So ertragreich ist kaum ein anderes französisches Unternehmen; und so stand die Politik auch Pate, als L’Oréal 1974 eine Allianz mit Nestlé schloss. Sie sollte die internationale Entwicklung des Unternehmens fördern und als Schutzschild vor einer eventuellen Verstaatlichung durch die Linke dienen. Nach dem Pakt gehören 30,9 Prozent des L’Oréal-Kapitals Liliane Bettencourt, 29,6 Prozent Nestlé, der Rest liegt bei den Aktionären. Ihren Kapitalanteil hat die Mutter ihrer Tochter übertragen, sich aber lebenslang den Zugriff auf die Einnahmen gesichert. Das bringt ihr, je nach Börsenlage, 200 bis 280 Millionen Euro im Jahr an Dividende. Sechs Monate nach ihrem Tod erlischt das Bündnis mit Nestlé. Ob sich die Tochter mit Verkaufsabsichten an Nestlé trägt, weiß niemand, aber der Anwalt der Mutter unterstellt es öffentlich der Tochter und ihrem Mann Jean-Pierre Meyers, der dem Verwaltungsrat von L’Oréal und gleichzeitig dem Nestlés angehört.

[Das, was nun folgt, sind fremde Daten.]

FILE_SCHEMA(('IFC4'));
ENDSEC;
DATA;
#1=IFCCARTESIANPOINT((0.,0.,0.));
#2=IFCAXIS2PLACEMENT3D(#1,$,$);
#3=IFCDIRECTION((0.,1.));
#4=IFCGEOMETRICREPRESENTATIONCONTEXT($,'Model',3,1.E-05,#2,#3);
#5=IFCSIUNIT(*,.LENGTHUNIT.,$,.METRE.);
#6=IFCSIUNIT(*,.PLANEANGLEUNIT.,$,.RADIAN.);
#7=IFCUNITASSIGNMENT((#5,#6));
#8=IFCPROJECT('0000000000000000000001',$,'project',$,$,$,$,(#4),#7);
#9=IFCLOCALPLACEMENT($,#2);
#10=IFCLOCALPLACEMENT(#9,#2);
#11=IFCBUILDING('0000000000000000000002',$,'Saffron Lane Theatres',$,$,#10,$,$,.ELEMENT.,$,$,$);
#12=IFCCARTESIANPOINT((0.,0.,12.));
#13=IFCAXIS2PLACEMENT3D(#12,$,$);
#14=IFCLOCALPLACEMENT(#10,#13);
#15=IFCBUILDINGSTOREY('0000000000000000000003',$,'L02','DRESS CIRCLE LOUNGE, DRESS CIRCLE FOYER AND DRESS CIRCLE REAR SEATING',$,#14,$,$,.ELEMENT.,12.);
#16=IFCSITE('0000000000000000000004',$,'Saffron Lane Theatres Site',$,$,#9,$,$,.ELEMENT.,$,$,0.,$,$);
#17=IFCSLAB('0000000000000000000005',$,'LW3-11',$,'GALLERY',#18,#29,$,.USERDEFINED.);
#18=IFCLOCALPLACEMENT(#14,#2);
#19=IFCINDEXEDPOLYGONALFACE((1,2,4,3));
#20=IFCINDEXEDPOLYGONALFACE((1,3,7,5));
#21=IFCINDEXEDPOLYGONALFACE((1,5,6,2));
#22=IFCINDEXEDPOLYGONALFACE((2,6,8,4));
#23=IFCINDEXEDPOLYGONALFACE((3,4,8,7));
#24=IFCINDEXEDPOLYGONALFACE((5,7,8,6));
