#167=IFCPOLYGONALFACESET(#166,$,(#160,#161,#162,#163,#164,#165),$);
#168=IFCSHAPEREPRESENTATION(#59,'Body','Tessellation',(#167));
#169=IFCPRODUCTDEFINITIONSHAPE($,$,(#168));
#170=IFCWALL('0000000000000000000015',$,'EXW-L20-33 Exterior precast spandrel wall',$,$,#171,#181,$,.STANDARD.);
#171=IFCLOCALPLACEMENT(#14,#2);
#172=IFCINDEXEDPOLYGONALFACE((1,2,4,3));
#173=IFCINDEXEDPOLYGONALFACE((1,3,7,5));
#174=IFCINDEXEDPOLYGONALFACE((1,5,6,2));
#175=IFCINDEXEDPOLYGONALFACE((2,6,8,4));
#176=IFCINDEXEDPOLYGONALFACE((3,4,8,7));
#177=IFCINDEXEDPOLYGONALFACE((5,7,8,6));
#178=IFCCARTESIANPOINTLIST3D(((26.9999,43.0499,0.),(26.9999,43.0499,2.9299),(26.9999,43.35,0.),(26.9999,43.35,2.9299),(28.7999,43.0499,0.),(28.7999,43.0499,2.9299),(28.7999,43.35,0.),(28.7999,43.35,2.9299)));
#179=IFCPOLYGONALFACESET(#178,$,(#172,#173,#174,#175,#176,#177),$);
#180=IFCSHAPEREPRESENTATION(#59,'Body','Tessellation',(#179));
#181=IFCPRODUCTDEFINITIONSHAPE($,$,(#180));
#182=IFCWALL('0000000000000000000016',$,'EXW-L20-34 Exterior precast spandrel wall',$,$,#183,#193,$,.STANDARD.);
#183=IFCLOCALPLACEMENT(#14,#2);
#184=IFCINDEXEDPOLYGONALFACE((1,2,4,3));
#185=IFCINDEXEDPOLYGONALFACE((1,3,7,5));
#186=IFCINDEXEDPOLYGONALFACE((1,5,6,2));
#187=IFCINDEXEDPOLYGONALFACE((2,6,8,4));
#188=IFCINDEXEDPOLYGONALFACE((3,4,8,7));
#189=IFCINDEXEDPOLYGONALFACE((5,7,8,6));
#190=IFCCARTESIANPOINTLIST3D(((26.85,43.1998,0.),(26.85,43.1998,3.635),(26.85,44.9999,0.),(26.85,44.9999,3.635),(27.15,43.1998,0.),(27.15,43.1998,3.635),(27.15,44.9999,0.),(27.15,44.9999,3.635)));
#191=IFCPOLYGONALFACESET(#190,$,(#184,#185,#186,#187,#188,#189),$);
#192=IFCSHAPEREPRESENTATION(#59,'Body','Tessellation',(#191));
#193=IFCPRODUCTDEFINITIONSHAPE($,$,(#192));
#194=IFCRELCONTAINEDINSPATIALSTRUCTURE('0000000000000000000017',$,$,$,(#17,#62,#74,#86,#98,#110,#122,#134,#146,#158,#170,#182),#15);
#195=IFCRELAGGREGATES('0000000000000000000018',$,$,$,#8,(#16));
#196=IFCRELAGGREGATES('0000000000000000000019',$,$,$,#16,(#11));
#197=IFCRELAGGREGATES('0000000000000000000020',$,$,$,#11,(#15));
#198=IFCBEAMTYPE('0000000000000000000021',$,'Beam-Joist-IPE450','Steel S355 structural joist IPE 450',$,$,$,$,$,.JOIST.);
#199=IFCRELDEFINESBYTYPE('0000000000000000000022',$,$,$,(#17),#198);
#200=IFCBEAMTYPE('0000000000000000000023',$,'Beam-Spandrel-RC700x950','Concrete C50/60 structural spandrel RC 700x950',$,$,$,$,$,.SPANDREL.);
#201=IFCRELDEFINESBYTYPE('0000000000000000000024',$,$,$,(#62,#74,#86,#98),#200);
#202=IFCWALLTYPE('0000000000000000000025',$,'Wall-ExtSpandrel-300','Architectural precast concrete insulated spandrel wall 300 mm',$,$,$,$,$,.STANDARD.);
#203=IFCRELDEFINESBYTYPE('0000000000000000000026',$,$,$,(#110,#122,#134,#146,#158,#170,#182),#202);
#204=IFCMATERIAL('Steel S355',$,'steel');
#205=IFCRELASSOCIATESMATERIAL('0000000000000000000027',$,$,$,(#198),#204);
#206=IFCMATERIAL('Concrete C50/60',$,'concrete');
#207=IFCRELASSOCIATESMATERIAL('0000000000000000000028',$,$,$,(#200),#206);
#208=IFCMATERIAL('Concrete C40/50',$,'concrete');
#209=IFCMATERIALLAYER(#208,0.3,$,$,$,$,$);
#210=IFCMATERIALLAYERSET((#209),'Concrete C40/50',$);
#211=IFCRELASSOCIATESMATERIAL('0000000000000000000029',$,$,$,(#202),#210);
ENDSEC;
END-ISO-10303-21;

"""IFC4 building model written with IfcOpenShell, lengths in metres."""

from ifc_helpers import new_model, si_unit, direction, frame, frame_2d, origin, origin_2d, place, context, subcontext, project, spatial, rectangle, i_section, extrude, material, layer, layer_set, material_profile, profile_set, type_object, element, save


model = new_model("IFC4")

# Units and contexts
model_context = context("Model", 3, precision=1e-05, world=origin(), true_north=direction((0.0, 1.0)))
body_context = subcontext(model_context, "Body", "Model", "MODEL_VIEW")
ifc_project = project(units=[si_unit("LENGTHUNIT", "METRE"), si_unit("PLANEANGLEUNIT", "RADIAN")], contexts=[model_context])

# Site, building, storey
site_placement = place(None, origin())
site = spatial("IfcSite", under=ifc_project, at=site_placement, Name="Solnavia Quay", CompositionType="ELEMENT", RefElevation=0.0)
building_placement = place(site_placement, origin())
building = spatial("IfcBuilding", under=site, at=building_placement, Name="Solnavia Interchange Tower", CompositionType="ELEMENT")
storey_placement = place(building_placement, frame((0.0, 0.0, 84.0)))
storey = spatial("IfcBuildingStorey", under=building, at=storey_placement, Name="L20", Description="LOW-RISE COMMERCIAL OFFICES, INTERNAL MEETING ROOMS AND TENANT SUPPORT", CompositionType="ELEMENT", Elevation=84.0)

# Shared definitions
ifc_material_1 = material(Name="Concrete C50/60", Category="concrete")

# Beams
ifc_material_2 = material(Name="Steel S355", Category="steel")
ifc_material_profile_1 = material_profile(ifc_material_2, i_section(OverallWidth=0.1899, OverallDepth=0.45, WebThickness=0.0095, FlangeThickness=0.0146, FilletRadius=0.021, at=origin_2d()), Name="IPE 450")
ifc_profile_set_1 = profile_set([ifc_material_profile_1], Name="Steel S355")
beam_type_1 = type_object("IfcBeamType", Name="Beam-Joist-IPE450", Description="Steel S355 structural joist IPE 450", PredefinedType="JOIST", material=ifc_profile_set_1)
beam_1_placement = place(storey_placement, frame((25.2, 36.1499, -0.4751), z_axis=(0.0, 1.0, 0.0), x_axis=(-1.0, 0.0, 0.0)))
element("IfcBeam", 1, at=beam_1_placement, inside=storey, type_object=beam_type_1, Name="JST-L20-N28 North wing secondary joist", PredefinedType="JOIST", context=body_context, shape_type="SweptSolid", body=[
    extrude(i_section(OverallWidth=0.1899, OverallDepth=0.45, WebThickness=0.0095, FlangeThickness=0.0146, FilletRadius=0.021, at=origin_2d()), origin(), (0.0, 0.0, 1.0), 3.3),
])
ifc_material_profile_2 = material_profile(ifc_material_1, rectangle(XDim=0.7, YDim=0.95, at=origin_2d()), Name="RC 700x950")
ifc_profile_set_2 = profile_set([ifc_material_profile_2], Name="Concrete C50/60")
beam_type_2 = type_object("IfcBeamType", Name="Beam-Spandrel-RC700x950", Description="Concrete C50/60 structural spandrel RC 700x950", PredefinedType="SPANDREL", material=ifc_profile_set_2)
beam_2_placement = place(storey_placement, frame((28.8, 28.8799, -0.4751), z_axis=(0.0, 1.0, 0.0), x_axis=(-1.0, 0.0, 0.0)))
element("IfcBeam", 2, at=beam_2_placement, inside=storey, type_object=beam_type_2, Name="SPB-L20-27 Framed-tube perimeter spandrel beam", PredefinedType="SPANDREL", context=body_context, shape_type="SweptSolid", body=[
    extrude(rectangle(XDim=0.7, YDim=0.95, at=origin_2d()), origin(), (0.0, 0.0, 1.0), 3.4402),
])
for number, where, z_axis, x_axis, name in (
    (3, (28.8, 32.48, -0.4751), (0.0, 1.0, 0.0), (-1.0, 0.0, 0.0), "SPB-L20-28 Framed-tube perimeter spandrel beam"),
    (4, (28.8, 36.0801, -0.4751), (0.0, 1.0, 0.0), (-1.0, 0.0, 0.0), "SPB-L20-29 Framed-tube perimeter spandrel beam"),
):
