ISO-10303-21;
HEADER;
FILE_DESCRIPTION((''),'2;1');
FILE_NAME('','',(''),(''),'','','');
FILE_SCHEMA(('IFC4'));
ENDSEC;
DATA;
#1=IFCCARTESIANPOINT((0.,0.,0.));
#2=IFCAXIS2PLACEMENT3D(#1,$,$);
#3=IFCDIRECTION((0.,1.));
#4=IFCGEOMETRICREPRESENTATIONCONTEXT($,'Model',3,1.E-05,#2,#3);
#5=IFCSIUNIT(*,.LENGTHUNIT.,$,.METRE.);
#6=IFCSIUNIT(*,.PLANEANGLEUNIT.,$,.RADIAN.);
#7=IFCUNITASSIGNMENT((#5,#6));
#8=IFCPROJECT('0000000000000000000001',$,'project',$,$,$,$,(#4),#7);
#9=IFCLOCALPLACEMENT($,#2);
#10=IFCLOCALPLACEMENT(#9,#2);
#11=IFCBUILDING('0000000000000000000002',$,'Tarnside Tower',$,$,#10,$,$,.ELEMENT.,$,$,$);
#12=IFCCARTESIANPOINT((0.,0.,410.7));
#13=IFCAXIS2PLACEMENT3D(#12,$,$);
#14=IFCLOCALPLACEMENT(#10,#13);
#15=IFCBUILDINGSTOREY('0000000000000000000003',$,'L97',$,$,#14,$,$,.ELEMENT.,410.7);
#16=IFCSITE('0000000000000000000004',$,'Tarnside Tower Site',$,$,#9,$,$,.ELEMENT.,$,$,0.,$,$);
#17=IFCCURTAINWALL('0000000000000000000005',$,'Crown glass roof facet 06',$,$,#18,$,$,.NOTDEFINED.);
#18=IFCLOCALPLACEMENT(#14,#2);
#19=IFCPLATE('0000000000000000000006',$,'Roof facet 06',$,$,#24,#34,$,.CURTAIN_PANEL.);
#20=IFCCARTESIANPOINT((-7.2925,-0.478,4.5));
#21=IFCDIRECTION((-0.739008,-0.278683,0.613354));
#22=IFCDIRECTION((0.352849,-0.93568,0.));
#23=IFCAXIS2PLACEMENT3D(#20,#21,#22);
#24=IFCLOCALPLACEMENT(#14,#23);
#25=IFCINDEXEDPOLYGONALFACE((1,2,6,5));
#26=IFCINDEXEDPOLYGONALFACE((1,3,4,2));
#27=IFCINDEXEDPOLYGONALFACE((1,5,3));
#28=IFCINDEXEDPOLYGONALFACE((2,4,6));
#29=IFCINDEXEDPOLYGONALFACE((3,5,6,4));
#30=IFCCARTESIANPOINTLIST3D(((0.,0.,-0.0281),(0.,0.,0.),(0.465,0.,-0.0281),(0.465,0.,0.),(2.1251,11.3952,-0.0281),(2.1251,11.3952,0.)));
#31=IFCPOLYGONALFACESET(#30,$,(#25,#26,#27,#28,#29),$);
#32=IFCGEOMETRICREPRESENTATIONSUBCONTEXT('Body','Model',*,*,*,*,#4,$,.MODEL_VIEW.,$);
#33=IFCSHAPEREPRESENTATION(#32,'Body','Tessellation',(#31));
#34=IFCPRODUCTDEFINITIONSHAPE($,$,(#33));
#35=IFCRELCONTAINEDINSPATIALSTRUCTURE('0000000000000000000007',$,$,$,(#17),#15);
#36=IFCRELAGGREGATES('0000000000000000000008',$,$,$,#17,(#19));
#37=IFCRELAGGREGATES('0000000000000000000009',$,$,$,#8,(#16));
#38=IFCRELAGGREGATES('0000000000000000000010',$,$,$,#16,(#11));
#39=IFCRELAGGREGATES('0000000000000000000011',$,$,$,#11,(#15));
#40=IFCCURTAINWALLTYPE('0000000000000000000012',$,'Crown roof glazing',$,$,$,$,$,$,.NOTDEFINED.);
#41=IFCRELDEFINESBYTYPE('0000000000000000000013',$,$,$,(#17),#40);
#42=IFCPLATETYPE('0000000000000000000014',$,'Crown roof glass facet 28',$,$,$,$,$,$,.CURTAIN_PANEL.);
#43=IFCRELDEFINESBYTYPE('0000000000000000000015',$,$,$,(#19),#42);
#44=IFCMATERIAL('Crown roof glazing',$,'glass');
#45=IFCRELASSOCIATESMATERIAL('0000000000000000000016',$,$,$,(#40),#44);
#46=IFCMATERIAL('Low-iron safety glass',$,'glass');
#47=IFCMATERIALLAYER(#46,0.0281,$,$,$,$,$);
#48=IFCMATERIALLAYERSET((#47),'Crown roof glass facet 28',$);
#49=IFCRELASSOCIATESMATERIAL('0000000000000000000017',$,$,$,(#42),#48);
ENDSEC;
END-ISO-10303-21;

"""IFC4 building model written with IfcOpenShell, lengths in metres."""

from ifc_helpers import new_model, si_unit, direction, frame, origin, place, context, subcontext, project, spatial, polyline, outline, extrude, material, layer, layer_set, type_object, element, aggregate, save


model = new_model("IFC4")

# Units and contexts
model_context = context("Model", 3, precision=1e-05, world=origin(), true_north=direction((0.0, 1.0)))
body_context = subcontext(model_context, "Body", "Model", "MODEL_VIEW")
ifc_project = project(units=[si_unit("LENGTHUNIT", "METRE"), si_unit("PLANEANGLEUNIT", "RADIAN")], contexts=[model_context])

# Site, building, storey
site_placement = place(None, origin())
site = spatial("IfcSite", under=ifc_project, at=site_placement, Name="Tarnside Tower Site", CompositionType="ELEMENT", RefElevation=0.0)
building_placement = place(site_placement, origin())
building = spatial("IfcBuilding", under=site, at=building_placement, Name="Tarnside Tower", CompositionType="ELEMENT")
storey_placement = place(building_placement, frame((0.0, 0.0, 410.7)))
storey = spatial("IfcBuildingStorey", under=building, at=storey_placement, Name="L97", CompositionType="ELEMENT", Elevation=410.7)

# Shared definitions
ifc_material_1 = material(Name="Low-iron safety glass", Category="glass")

# Curtain wall, plate
ifc_material_2 = material(Name="Crown roof glazing", Category="glass")
curtain_wall_type_1 = type_object("IfcCurtainWallType", Name="Crown roof glazing", PredefinedType="NOTDEFINED", material=ifc_material_2)
ifc_layer_1 = layer(ifc_material_1, 0.0281)
ifc_layer_set_1 = layer_set([ifc_layer_1], Name="Crown roof glass facet 28")
plate_type_1 = type_object("IfcPlateType", Name="Crown roof glass facet 28", PredefinedType="CURTAIN_PANEL", material=ifc_layer_set_1)
curtain_wall_1_placement = place(storey_placement, origin())
curtain_wall_1 = element("IfcCurtainWall", 1, at=curtain_wall_1_placement, inside=storey, type_object=curtain_wall_type_1, Name="Crown glass roof facet 06", PredefinedType="NOTDEFINED")
plate_1_placement = place(storey_placement, frame((-7.2925, -0.478, 4.5), z_axis=(-0.739008, -0.278683, 0.613354), x_axis=(0.352849, -0.93568, 0.0)))
plate_1 = element("IfcPlate", 2, at=plate_1_placement, type_object=plate_type_1, Name="Roof facet 06", PredefinedType="CURTAIN_PANEL", context=body_context, shape_type="SweptSolid", body=[
    extrude(outline(polyline([(0.0, 0.0), (0.465, 0.0), (2.1251, 11.3952), (2.1251, 11.3952), (0.0, 0.0)])), origin(), (0.0, 0.0, -1.0), 0.0281),
])
aggregate(curtain_wall_1, [plate_1])

save(model, "model.ifc")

Kein Wunder also, dass Sarkozy den Streit zwischen Mutter und Tochter „aufmerksam“ verfolgt, wie der Vermögensverwalter nach einem Gespräch mit Präsidentenberater Ouart der Milliardärin mitteilte. Im Juli 2009 konnte de Maistre ihr dann berichten, dass das Verfahren gegen ihren Günstling Banier eingestellt werde. Banier war damit aber nicht aus dem Schneider. Der Anwalt der Tochter setzte den Prozess doch durch.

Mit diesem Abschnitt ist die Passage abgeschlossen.